X = np.array([[1.0, 2.0],
              [3.0, 4.0],
              [5.0, 6.0]])
C = np.array([2.0])       # one free constant

print(f(X, C))            # [4.  10.  16.]

X must have shape (n_samples, n_features). C is a 1-D array with one entry per C token in the expression. Pass an empty array (np.array([])) when there are no constants.

LaTeX rendering

from SRToolkit.utils import SymbolLibrary, expr_to_latex

sl = SymbolLibrary.default_symbols(num_variables=2)
latex = expr_to_latex(["sin", "(", "X_0", ")", "+", "X_1", "^2"], sl)
print(latex)  # $\sin X_{0} + X_{1}^2$

Simplification

simplify applies algebraic simplification followed by constant folding:

from SRToolkit.utils import SymbolLibrary
from SRToolkit.utils.expression_simplifier import simplify

sl = SymbolLibrary.default_symbols(num_variables=2)

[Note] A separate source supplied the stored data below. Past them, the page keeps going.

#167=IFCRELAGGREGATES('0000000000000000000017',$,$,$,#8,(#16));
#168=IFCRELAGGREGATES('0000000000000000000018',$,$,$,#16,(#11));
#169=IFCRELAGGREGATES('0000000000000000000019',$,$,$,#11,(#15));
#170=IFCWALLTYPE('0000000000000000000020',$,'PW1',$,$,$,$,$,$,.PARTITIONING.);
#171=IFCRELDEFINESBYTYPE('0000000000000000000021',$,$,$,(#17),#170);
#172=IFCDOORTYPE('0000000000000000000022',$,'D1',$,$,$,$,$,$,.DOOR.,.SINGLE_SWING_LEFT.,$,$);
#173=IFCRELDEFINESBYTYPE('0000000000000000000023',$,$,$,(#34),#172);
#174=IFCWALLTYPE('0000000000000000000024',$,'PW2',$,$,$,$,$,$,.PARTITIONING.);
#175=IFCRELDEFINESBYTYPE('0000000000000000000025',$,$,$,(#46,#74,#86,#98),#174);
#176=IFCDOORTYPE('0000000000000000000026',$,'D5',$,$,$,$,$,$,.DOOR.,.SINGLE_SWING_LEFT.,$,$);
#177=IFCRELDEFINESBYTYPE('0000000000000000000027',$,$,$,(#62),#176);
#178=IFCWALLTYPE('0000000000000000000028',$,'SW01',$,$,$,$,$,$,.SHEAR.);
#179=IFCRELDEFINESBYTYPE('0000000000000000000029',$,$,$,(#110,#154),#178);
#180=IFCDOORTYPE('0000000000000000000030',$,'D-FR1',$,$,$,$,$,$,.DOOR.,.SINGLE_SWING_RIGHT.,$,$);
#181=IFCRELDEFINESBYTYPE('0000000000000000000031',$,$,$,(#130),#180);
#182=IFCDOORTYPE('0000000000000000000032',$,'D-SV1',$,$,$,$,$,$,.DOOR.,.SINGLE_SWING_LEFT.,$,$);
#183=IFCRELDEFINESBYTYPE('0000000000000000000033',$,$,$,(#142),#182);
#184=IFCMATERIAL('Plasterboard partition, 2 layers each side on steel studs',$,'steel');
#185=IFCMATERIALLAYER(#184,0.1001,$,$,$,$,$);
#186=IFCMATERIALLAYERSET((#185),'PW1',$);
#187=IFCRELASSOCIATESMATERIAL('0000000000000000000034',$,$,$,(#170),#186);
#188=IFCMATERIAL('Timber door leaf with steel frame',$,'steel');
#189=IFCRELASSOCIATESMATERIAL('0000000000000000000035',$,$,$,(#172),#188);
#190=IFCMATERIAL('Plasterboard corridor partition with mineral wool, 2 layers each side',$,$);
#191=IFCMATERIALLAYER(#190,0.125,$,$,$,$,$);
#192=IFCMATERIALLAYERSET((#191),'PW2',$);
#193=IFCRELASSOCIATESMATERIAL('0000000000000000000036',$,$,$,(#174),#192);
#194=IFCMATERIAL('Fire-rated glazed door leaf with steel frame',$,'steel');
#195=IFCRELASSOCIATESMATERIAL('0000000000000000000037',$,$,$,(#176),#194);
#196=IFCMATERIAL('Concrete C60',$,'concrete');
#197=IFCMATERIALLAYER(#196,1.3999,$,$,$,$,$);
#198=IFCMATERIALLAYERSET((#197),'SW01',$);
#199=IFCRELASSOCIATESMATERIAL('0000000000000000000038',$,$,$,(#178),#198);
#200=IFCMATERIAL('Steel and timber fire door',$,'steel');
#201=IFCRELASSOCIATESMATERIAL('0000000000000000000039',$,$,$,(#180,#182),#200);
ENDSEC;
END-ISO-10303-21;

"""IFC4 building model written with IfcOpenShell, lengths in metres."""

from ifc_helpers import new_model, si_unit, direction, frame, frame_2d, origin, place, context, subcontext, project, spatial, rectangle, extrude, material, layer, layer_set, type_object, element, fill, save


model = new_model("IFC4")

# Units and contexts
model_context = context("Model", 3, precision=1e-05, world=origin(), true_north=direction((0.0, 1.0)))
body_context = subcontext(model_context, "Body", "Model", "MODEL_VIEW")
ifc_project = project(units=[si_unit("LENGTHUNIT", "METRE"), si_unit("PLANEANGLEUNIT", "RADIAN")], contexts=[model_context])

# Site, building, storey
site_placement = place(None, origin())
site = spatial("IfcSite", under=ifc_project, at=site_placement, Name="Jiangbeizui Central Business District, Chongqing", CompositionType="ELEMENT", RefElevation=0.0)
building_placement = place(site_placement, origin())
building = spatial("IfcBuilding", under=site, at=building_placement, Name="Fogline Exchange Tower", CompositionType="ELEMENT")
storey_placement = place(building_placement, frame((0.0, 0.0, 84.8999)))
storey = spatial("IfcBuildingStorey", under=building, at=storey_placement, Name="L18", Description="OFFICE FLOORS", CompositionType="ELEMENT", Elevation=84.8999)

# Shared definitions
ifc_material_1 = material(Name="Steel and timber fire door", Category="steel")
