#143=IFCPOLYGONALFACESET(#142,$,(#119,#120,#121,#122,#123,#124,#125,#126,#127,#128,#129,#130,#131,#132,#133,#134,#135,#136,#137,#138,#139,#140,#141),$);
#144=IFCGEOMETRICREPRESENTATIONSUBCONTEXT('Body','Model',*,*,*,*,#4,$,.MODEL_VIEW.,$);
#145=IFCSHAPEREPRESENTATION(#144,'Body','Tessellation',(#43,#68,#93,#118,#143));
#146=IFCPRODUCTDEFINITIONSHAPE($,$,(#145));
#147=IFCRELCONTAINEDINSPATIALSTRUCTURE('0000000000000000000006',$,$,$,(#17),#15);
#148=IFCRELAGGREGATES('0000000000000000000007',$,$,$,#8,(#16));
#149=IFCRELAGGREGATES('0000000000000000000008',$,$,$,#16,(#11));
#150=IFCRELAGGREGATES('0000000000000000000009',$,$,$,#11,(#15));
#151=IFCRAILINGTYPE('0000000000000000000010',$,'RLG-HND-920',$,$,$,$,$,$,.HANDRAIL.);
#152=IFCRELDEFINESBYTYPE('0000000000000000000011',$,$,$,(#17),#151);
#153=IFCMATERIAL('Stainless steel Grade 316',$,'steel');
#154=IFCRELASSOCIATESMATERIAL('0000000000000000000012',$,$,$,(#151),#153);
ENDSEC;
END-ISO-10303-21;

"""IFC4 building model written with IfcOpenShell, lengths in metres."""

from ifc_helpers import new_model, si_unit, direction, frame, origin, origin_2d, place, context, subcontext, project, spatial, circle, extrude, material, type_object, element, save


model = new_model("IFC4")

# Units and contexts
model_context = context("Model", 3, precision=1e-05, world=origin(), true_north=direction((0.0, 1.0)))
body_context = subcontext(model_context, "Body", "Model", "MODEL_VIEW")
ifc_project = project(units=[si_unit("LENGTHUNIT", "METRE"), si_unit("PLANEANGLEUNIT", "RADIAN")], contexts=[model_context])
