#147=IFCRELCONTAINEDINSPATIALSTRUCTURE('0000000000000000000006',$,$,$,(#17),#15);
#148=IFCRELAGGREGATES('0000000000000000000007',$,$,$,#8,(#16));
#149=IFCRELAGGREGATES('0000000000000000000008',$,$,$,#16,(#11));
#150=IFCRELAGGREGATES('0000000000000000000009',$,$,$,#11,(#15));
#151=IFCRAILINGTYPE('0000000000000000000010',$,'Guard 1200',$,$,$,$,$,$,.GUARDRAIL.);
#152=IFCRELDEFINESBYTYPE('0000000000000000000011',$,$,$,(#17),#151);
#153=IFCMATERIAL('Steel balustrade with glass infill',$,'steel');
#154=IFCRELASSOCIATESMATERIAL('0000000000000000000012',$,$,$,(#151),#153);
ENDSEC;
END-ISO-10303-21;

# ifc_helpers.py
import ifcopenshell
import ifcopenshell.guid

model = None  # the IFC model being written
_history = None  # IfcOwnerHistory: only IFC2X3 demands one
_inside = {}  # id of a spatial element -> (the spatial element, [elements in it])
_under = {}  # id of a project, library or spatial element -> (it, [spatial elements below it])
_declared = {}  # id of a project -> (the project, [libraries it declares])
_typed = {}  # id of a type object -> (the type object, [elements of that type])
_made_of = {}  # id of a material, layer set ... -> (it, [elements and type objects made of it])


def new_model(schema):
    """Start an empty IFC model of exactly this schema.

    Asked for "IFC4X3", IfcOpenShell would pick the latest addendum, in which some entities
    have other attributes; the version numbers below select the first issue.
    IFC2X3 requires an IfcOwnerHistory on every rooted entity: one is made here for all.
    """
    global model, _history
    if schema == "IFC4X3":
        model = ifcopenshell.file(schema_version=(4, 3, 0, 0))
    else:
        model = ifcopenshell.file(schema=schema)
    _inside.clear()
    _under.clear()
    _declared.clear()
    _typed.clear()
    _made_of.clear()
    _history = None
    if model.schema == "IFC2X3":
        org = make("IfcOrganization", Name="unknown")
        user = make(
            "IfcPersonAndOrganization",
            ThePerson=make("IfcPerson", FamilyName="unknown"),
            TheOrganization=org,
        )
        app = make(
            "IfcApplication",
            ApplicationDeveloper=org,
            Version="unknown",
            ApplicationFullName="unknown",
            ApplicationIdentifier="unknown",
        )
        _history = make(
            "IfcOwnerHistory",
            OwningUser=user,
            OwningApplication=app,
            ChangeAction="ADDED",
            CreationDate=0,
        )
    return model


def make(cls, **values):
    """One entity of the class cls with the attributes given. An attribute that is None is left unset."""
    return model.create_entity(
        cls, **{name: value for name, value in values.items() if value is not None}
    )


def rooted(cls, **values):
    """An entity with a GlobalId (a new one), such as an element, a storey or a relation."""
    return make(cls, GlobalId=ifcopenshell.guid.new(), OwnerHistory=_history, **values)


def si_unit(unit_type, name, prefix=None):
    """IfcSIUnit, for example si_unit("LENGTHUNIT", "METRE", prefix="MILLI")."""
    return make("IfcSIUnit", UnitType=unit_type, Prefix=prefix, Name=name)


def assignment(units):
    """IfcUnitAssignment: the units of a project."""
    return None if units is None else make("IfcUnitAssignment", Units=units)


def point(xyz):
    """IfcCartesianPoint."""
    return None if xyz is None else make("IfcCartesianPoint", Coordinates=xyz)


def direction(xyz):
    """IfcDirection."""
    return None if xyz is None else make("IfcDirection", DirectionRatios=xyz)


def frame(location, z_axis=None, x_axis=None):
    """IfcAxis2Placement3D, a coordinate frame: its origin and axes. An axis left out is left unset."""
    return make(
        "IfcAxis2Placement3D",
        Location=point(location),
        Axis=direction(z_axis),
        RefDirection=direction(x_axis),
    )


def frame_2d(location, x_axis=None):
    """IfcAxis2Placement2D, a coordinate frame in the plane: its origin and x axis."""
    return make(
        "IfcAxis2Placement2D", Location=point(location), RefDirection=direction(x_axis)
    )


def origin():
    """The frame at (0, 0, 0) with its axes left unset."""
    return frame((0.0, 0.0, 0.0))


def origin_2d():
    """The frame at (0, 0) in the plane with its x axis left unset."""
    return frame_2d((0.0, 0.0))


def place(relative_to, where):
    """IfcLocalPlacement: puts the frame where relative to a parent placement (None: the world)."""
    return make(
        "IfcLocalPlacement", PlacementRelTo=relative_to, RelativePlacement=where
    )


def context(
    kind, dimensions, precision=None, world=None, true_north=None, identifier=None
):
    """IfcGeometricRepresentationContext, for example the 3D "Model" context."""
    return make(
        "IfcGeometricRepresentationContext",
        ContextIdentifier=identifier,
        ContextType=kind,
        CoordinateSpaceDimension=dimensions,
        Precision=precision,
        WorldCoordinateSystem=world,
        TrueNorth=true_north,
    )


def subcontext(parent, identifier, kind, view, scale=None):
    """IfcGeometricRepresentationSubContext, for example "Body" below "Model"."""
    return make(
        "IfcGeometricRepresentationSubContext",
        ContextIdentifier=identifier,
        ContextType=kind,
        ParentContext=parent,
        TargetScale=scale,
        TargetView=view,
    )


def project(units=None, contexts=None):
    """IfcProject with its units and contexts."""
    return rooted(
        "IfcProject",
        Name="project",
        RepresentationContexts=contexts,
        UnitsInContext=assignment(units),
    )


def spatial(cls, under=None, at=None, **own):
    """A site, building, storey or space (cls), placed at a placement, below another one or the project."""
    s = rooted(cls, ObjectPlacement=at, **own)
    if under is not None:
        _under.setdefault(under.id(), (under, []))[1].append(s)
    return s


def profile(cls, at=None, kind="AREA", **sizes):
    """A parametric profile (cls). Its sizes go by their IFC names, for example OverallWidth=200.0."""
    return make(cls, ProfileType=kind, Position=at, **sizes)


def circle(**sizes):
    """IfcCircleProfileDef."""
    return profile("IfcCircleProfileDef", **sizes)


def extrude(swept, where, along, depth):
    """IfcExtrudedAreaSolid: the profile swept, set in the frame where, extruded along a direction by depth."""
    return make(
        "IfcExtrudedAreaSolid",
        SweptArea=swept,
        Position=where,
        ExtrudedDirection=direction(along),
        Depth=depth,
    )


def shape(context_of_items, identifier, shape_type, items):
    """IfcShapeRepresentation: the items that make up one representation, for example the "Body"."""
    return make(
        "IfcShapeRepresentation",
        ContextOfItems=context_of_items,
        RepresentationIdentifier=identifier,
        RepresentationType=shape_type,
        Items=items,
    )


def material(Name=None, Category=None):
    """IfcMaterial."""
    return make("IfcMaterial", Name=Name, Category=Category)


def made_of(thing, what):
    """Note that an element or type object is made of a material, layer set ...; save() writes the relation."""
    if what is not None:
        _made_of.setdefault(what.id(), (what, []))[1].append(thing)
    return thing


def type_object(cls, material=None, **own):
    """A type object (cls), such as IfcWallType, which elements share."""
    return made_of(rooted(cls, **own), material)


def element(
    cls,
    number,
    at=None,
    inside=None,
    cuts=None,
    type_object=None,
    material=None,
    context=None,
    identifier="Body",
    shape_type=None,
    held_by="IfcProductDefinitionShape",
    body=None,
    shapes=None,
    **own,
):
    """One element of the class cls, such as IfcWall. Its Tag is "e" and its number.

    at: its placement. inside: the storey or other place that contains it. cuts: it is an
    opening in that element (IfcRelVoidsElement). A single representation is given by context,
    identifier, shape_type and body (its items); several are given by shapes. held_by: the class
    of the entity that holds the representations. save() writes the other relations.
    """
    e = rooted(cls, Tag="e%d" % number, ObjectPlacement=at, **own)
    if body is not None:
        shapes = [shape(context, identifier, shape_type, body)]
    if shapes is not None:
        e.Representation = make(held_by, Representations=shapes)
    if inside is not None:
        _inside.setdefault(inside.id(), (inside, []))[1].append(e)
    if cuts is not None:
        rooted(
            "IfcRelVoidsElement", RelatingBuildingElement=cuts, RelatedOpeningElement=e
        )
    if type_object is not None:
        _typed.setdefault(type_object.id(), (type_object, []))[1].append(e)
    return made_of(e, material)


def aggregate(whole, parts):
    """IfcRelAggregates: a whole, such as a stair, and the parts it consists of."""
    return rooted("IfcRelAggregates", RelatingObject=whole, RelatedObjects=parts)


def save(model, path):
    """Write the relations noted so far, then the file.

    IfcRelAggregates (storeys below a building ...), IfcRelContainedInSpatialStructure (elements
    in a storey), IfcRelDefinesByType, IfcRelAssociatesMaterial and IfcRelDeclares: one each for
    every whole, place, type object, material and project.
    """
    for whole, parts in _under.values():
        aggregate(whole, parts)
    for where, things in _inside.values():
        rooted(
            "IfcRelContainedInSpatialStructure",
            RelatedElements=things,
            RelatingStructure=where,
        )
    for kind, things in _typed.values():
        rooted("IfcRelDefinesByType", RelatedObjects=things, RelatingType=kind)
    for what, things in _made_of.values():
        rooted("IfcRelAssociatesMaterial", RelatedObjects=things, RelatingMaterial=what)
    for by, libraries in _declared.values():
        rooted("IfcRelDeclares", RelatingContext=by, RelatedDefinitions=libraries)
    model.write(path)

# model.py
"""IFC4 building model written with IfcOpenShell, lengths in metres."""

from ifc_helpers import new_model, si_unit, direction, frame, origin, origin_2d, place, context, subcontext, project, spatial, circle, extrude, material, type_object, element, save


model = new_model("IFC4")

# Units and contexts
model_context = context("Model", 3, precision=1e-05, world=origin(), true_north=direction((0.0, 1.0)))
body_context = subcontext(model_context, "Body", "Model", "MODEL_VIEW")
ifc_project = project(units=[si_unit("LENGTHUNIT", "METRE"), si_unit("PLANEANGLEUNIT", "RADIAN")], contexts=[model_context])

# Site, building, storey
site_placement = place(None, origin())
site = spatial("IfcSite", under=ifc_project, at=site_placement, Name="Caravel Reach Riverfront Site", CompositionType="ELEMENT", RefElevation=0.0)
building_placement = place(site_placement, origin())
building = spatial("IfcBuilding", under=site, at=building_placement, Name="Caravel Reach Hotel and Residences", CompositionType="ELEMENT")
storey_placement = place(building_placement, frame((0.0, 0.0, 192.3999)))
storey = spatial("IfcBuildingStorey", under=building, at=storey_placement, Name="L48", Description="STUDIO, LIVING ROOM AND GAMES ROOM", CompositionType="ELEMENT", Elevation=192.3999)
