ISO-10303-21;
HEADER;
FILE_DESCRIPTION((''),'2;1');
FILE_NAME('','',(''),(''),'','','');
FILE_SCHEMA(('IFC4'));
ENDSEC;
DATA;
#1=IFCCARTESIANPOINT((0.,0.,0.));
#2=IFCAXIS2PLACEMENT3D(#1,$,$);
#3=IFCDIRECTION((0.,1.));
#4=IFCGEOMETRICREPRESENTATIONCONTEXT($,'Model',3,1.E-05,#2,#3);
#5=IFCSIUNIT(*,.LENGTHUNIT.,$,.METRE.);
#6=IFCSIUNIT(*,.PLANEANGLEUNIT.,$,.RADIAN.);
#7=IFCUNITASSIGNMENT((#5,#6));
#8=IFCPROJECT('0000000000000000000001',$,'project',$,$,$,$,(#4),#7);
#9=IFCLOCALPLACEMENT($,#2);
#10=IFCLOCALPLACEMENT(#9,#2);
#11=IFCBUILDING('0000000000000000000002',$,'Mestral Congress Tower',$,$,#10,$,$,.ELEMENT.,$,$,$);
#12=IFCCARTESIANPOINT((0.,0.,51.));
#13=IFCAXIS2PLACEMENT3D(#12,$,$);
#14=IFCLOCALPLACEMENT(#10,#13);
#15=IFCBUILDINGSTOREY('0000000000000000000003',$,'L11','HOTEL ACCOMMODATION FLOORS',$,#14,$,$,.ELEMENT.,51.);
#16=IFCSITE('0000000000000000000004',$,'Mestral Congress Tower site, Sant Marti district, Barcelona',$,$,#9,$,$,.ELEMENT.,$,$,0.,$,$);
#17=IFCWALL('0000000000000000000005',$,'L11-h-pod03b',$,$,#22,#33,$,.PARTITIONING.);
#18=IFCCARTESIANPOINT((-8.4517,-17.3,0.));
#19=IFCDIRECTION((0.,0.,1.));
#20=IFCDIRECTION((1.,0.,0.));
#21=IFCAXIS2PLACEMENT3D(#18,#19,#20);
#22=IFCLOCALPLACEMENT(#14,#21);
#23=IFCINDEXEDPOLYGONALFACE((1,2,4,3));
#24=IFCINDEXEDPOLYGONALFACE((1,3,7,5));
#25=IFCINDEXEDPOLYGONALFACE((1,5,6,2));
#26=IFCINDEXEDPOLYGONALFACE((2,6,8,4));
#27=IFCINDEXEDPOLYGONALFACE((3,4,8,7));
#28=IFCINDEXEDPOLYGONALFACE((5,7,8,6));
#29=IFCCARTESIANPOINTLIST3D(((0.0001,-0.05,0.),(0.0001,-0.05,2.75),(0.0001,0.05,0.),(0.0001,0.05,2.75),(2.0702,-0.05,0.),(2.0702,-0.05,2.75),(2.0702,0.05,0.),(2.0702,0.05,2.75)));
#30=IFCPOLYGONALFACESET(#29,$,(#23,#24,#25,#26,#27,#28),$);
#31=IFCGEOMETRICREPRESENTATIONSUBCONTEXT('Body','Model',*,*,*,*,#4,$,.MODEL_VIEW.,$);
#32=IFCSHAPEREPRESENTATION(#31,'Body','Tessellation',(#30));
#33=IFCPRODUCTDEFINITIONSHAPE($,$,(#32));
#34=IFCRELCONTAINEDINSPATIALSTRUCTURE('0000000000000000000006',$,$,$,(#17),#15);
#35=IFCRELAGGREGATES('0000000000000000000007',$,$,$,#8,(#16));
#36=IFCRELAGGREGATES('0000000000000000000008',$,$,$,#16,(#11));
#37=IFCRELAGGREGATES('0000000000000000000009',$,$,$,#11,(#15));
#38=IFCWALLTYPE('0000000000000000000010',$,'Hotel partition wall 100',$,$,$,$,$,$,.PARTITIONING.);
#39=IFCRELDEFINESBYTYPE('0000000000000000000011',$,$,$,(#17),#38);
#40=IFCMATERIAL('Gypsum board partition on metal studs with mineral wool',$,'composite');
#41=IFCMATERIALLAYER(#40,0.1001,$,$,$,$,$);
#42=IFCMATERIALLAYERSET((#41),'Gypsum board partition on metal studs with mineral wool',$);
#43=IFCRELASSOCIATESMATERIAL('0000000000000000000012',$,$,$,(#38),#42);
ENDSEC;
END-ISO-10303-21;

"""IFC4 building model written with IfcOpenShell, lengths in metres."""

from ifc_helpers import new_model, si_unit, direction, frame, frame_2d, origin, place, context, subcontext, project, spatial, rectangle, extrude, material, layer, layer_set, type_object, element, save


model = new_model("IFC4")

# Units and contexts
model_context = context("Model", 3, precision=1e-05, world=origin(), true_north=direction((0.0, 1.0)))
body_context = subcontext(model_context, "Body", "Model", "MODEL_VIEW")
ifc_project = project(units=[si_unit("LENGTHUNIT", "METRE"), si_unit("PLANEANGLEUNIT", "RADIAN")], contexts=[model_context])

# Site, building, storey
site_placement = place(None, origin())
site = spatial("IfcSite", under=ifc_project, at=site_placement, Name="Mestral Congress Tower site, Sant Marti district, Barcelona", CompositionType="ELEMENT", RefElevation=0.0)
building_placement = place(site_placement, origin())
building = spatial("IfcBuilding", under=site, at=building_placement, Name="Mestral Congress Tower", CompositionType="ELEMENT")
storey_placement = place(building_placement, frame((0.0, 0.0, 51.0)))
storey = spatial("IfcBuildingStorey", under=building, at=storey_placement, Name="L11", Description="HOTEL ACCOMMODATION FLOORS", CompositionType="ELEMENT", Elevation=51.0)

# Shared definitions
ifc_material_1 = material(Name="Gypsum board partition on metal studs with mineral wool", Category="composite")
ifc_layer_1 = layer(ifc_material_1, 0.1001)
ifc_layer_set_1 = layer_set([ifc_layer_1], Name="Gypsum board partition on metal studs with mineral wool")
wall_type_1 = type_object("IfcWallType", Name="Hotel partition wall 100", PredefinedType="PARTITIONING", material=ifc_layer_set_1)

# Wall
wall_1_placement = place(storey_placement, frame((-8.4517, -17.3, 0.0), z_axis=(0.0, 0.0, 1.0), x_axis=(1.0, 0.0, 0.0)))
element("IfcWall", 1, at=wall_1_placement, inside=storey, type_object=wall_type_1, Name="L11-h-pod03b", PredefinedType="PARTITIONING", context=body_context, shape_type="SweptSolid", body=[
    extrude(rectangle(XDim=2.0701, YDim=0.1001, at=frame_2d((1.0352, 0.0))), origin(), (0.0, 0.0, 1.0), 2.75),
])

save(model, "model.ifc")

# Algebraic reduction + constant folding
simplified = simplify(["C", "+", "C", "*", "C", "+", "X_0", "*", "X_1", "/", "X_0"], sl)
print(simplified)  # ['C', '+', 'X_1']

Note

Simplification requires SymPy. It may fail for expressions containing tokens outside the default symbol set — wrap calls in a try/except when batch-processing large result sets.